Long-term trends in demand and supply for the world’s food resources are leading to growing interest in Brazilian agriculture as an asset class. A recent report by UK-based Chatham House suggests that demand for food will increase by between 70% and 100% by 2050, and states that the world will likely teeter close to food crises in the coming years. The UN’s Food and Agriculture Organization agrees with the low end of the range in the Chatham House report, estimating that food production must increase by 70% over the next 40 years.
Brazil is at the forefront of the development of new agricultural land to match this expected demand. An area of land that spans the Brazilian states of Maranhão (MA), Tocantins (TO), Piauí (PI) and Bahia (BA) – dubbed Matopiba – produced 12.2 million tonnes of Brazil’s total grains and oilseed crops in 2011/12, equivalent to 8.2% of the country’s total production, according to a report by Rabobank. The region’s output has grown from essentially zero a decade earlier, when the land was considered unfit for large-scale agricultural production. However, the Brazilian Agricultural Research Corporation discovered that the prevailing cerrado biome could be made fertile with large additions to the soil of lime and phosphorus. With further investment in machinery and infrastructure, large farms have been created in this area.
Rabobank estimates that the Matopiba has 2 million hectares of high-quality land available for future production. There is also land outside this designated area with big potential and the area’s weather – warm, sunny and with plenty of rainfall – make it possible that if crop prices continue to increase, the investment in these new tracts of land will make commercial sense.
MetLife, the largest US life insurer, has already started this year to offer agricultural loans in Brazil, seeing the appreciation of land as good, growing and safe collateral. According to Brazil’s agriculture ministry, agricultural loans in the 2011-12 season total R$107 billion ($51.2 billion) and the potential for growth is attracting local and foreign financial institutions to these Brazilian regions.

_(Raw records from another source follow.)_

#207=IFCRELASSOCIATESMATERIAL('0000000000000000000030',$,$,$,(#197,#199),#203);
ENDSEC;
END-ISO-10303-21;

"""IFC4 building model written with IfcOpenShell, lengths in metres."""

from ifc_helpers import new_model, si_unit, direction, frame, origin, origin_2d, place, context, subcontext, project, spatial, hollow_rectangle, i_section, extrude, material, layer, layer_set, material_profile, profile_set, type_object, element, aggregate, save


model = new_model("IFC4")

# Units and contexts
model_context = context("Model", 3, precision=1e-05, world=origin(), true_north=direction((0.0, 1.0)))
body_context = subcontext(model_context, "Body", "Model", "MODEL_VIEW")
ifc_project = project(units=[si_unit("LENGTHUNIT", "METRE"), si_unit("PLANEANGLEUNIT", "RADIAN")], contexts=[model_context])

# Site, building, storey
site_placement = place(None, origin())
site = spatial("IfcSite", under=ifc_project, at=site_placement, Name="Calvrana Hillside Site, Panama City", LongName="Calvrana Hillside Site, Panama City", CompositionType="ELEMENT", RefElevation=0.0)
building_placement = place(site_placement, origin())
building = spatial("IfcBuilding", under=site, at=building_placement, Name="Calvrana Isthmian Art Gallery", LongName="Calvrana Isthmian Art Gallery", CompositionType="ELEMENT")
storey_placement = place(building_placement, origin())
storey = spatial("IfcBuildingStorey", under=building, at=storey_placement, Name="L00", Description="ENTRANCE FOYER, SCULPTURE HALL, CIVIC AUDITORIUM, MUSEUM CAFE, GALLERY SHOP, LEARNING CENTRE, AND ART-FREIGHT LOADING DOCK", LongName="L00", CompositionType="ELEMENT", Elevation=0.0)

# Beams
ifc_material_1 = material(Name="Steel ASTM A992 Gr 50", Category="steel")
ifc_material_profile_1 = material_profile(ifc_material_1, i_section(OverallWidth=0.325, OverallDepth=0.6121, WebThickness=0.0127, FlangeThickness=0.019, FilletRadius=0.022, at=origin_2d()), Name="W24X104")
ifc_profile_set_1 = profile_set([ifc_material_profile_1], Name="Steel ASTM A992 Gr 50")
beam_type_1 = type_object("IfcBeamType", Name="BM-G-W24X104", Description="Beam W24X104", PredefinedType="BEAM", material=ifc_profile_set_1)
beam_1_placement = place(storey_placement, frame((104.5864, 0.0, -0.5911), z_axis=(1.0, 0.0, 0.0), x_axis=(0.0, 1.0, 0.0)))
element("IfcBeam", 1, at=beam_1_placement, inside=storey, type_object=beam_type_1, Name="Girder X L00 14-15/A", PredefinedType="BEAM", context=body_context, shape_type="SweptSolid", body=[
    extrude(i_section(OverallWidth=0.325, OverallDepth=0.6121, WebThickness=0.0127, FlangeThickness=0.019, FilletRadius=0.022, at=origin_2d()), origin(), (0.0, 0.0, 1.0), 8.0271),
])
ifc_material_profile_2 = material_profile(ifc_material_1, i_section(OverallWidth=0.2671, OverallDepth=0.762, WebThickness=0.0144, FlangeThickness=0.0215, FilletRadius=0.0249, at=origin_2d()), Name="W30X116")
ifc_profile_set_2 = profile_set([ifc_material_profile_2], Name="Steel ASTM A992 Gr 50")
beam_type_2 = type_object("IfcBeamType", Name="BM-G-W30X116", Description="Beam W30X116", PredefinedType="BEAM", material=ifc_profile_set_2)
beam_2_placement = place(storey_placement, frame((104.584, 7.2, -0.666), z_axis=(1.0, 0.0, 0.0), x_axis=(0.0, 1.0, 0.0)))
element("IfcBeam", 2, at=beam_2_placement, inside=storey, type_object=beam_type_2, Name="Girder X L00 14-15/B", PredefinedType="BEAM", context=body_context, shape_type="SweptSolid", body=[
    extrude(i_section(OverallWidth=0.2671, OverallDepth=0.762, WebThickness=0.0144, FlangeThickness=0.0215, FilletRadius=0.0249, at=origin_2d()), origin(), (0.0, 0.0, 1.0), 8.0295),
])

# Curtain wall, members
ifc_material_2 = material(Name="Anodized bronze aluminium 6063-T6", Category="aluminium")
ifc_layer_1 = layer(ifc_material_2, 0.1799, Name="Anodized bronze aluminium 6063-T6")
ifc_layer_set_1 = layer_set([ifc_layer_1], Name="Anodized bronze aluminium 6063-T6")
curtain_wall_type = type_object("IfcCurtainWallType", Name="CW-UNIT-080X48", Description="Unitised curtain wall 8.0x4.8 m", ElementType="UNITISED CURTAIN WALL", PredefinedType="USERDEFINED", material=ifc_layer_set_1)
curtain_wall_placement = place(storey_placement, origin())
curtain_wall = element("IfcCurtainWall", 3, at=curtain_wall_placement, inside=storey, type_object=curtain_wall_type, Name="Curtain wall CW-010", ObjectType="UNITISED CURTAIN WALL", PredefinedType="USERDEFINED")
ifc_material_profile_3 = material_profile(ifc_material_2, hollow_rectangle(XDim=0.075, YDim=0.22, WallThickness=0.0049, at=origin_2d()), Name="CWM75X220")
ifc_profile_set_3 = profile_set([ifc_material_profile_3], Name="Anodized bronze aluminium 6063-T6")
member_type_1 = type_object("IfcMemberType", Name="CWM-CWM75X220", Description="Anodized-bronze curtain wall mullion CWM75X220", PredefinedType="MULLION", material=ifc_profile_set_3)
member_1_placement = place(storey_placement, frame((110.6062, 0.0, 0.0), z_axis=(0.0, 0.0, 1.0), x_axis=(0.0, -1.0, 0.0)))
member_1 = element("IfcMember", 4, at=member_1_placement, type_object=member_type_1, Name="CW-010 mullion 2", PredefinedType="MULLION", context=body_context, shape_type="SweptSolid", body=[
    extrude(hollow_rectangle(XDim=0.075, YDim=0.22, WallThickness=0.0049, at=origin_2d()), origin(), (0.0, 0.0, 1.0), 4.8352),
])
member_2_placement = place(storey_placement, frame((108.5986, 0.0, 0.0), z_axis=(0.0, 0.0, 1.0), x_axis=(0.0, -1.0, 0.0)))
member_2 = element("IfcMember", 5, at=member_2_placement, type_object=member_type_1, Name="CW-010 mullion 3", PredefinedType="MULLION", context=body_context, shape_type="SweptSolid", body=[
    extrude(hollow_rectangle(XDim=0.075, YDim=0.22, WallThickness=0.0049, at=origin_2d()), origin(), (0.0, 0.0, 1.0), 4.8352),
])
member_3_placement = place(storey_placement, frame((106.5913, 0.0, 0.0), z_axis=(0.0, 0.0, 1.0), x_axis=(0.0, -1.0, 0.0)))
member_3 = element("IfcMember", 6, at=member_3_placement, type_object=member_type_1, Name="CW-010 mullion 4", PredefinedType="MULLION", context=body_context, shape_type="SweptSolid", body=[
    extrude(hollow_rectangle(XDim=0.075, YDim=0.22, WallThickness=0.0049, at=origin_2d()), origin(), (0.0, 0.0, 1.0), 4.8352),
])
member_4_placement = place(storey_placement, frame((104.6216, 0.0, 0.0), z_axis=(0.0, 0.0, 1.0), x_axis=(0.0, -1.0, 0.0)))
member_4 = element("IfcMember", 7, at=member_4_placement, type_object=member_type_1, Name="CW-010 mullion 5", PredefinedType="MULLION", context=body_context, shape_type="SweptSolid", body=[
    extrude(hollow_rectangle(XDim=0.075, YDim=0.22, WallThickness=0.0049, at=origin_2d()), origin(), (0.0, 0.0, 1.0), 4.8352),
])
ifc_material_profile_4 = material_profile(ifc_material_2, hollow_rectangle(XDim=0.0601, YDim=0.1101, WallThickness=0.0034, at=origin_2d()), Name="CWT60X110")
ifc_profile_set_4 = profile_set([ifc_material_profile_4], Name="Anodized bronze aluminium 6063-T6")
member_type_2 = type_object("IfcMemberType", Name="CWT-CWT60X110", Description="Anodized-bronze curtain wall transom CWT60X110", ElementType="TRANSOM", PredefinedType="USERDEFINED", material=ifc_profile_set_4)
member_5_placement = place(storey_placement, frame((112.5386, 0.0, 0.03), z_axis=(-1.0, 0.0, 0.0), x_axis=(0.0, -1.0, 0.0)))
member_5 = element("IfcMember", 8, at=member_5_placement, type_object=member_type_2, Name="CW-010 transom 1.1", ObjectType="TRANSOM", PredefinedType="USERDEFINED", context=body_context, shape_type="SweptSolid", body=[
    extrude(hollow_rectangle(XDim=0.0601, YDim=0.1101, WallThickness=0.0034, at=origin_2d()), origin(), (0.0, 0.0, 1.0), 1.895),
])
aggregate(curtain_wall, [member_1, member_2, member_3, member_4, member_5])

Valiance Asset Management’s head of agribusiness, Mark McLornan |
International investment funds are now raising money to take advantage of this new asset class, which offers good portfolio diversification as well as being an inflation hedge. Valiance, a London-based asset manager, launched a fund in May 2012 that aims to invest in Brazilian farmland, with investors exposed to the upside in the value of land as it goes through the process of acquiring cerrado land, obtaining permits and then developing the land into what is expected to be high-performing farmland. The investment is channelled into a joint venture with Bovespa-listed farming company SLC Agrícola. The Brazilian entity will own 50.6% of the company – which is targeted to be $483 million at launch – and will place existing, productive farmland into the special purpose vehicle. The Brazilian farmers‘ majority holding will enable the company to obtain regulatory approval; ownership and development of farmland by non-Brazilian entities is a "grey area", according to Valiance Asset Management’s head of agribusiness, Mark McLornan, and is awaiting further regulatory clarification from the government. SLC will lease back the farmland that is in the portfolio – and will lease the new farmland back from the holding company as it comes on stream – at an annual rate of 3.25% of the land value, which will be determined by an annual Deloitte farmland appraisal report.

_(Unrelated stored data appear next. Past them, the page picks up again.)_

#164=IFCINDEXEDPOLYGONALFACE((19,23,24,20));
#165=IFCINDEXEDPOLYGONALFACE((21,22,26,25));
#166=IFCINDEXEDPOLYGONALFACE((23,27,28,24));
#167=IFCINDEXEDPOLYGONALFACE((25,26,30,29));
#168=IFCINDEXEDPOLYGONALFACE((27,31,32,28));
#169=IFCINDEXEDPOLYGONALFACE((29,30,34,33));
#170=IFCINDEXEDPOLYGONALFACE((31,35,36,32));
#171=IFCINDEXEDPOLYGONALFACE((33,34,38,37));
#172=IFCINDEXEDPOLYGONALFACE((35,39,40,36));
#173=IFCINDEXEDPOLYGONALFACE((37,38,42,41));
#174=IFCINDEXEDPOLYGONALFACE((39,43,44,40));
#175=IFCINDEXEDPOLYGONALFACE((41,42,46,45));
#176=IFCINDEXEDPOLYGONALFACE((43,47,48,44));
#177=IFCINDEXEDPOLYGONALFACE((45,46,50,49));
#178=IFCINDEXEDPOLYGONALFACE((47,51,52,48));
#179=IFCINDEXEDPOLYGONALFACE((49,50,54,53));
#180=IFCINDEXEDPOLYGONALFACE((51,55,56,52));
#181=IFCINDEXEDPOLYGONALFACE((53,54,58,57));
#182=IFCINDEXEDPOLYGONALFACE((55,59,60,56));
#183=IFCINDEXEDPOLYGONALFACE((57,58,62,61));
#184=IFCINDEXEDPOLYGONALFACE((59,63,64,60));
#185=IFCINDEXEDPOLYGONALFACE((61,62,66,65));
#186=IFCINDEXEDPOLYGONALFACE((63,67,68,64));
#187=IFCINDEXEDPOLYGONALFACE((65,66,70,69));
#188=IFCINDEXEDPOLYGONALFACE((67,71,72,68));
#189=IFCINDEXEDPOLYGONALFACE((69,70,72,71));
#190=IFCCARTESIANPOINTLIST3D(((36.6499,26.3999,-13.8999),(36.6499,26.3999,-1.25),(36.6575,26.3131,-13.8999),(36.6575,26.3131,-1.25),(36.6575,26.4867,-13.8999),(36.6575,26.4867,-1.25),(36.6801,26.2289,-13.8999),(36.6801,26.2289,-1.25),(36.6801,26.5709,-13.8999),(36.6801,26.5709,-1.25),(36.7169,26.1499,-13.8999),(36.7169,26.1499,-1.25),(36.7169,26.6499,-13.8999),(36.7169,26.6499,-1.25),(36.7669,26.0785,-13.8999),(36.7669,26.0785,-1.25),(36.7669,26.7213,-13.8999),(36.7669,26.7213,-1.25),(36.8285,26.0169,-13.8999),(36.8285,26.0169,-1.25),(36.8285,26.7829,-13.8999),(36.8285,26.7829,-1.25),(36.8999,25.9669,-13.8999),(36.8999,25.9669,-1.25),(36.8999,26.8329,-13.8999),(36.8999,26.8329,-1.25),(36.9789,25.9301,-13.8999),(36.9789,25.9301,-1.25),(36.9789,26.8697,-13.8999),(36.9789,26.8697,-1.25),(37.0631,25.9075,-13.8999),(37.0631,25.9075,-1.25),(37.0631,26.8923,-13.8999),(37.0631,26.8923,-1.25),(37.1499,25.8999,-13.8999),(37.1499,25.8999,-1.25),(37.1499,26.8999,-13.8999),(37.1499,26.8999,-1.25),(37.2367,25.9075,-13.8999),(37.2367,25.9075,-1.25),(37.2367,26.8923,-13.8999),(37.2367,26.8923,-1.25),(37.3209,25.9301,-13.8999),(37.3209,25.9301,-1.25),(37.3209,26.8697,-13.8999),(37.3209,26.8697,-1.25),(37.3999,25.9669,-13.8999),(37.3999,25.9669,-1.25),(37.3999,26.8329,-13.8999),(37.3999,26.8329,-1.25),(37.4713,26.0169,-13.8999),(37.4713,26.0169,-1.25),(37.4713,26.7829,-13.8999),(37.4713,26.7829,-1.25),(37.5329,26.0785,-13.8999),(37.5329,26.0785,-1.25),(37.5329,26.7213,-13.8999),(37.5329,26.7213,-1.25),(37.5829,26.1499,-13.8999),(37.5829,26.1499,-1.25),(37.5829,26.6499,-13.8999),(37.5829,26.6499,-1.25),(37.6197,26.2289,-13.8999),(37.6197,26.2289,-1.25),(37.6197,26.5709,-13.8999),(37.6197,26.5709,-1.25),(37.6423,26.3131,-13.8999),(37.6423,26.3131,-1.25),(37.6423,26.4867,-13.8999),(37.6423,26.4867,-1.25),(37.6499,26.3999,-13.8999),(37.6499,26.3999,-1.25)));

Investors in the fund therefore have exposure to the appreciation of the land value but no direct exposure to the annual production of the crops or their value, although of course the land value is closely linked to its output and the cost of those crops. The land is bought in reais but the long-term valuation of Brazilian farmland is correlated to dollar-denominated commodities and so the fund’s local-currency risk is short-term and minimal, according to McLornan.
Rabobank warns investors that the main barrier to entry is "identifying large contiguous tracks of good farmland offering attractive returns [because of huge] micro-volatility." McLornan argues that partnering with SLC, which has been in operation since 1977, dramatically reduces the risks for foreign-based investors. "Historically, what generally happened is that investors would find a local partner and they would give it 100% of the cash and it would invest it for you and you would share the returns on exit. The question is would that partner be as diligent as if it was spending its own money? This is a partnership and SLC has a lot of skin in the game – we are very closely aligned."

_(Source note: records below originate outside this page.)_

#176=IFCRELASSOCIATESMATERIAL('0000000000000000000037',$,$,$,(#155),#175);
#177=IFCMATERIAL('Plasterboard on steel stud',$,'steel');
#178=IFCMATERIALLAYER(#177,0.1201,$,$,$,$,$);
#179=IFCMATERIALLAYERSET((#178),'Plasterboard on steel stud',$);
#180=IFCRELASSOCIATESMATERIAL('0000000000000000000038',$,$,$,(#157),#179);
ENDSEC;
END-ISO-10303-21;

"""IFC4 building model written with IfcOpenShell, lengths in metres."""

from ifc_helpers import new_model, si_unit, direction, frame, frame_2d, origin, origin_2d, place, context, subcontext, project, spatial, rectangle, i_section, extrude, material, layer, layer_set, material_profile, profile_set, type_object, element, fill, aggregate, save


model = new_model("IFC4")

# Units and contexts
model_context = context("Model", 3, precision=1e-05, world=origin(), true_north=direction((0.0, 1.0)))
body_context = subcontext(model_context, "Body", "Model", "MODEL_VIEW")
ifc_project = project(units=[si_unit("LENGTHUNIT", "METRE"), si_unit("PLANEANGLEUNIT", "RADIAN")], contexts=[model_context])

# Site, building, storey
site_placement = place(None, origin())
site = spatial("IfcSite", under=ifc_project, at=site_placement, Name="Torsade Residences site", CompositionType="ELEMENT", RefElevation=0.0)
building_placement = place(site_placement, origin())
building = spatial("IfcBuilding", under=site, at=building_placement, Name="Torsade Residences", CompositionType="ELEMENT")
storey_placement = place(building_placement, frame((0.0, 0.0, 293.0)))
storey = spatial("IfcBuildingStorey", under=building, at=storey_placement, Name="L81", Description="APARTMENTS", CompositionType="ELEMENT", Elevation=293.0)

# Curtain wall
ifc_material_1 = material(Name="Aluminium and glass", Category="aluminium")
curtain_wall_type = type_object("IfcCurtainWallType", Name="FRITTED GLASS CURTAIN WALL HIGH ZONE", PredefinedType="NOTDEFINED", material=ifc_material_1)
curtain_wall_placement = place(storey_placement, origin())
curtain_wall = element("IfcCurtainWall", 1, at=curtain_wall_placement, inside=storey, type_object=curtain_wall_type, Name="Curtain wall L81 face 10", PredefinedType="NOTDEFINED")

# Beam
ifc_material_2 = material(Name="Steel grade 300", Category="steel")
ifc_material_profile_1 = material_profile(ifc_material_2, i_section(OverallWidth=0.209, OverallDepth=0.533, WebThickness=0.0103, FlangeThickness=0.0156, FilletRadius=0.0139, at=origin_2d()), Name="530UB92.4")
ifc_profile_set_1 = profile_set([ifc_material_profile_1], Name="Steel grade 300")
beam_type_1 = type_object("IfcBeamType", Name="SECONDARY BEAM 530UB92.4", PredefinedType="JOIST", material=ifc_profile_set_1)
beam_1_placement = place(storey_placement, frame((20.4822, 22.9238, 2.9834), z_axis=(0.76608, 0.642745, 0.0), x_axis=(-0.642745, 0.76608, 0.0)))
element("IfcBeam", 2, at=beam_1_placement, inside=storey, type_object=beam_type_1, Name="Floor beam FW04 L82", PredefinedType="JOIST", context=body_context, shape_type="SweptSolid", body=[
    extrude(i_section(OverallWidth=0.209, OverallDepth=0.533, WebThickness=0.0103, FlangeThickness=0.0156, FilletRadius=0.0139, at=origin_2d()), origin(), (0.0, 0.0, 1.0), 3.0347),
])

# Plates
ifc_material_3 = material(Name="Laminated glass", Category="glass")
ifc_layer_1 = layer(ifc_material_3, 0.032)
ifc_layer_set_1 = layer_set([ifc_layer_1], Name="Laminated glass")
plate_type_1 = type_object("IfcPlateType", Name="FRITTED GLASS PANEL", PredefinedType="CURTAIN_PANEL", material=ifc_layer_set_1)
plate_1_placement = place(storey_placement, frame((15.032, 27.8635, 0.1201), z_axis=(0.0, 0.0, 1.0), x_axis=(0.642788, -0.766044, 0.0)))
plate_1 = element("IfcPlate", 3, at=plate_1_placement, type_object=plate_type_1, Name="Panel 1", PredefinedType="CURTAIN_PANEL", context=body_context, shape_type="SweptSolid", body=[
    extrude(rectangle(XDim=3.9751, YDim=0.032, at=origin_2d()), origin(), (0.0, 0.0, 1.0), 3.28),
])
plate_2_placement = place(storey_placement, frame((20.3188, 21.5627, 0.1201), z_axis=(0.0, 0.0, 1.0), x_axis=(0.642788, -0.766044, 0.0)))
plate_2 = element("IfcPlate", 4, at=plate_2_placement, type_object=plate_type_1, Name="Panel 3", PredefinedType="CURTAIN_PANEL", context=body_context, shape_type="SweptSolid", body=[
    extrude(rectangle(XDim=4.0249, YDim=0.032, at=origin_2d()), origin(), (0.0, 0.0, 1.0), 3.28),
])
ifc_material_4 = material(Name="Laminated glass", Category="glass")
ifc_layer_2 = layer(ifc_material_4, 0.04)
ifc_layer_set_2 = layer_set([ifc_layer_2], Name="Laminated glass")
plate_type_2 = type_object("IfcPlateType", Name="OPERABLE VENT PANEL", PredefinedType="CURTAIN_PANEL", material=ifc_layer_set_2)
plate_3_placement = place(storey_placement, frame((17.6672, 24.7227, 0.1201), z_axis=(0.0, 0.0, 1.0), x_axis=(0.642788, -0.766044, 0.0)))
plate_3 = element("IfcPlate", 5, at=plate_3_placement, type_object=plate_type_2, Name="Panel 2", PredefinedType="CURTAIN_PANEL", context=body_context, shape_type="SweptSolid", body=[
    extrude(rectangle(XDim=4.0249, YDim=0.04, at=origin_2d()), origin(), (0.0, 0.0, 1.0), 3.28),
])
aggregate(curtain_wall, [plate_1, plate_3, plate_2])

McLornan estimates an internal rate of return of 22% for investors during the five-year land development phase, based on an appreciation of the land value of 9% a year. In the past 10 years the average appreciation of farmland in the region has been 12%, but in recent years the growth has been much higher: according to SLC it has grown by 34.7% in the past 36 months and BrasilAgro, another Bovespa-listed farming company, estimates the value of farmland has risen by between 16.9% and 26.2% in the past year. Does McLornan worry that investors will have missed the opportunity? "That’s exactly why we have looked at the average for the past 10 years," says McLornan. "In grains you have these spikes – driven by weather issues essentially – but when you smooth out the spikes you get the 10% to 15% increase per anum and that’s where we are focused."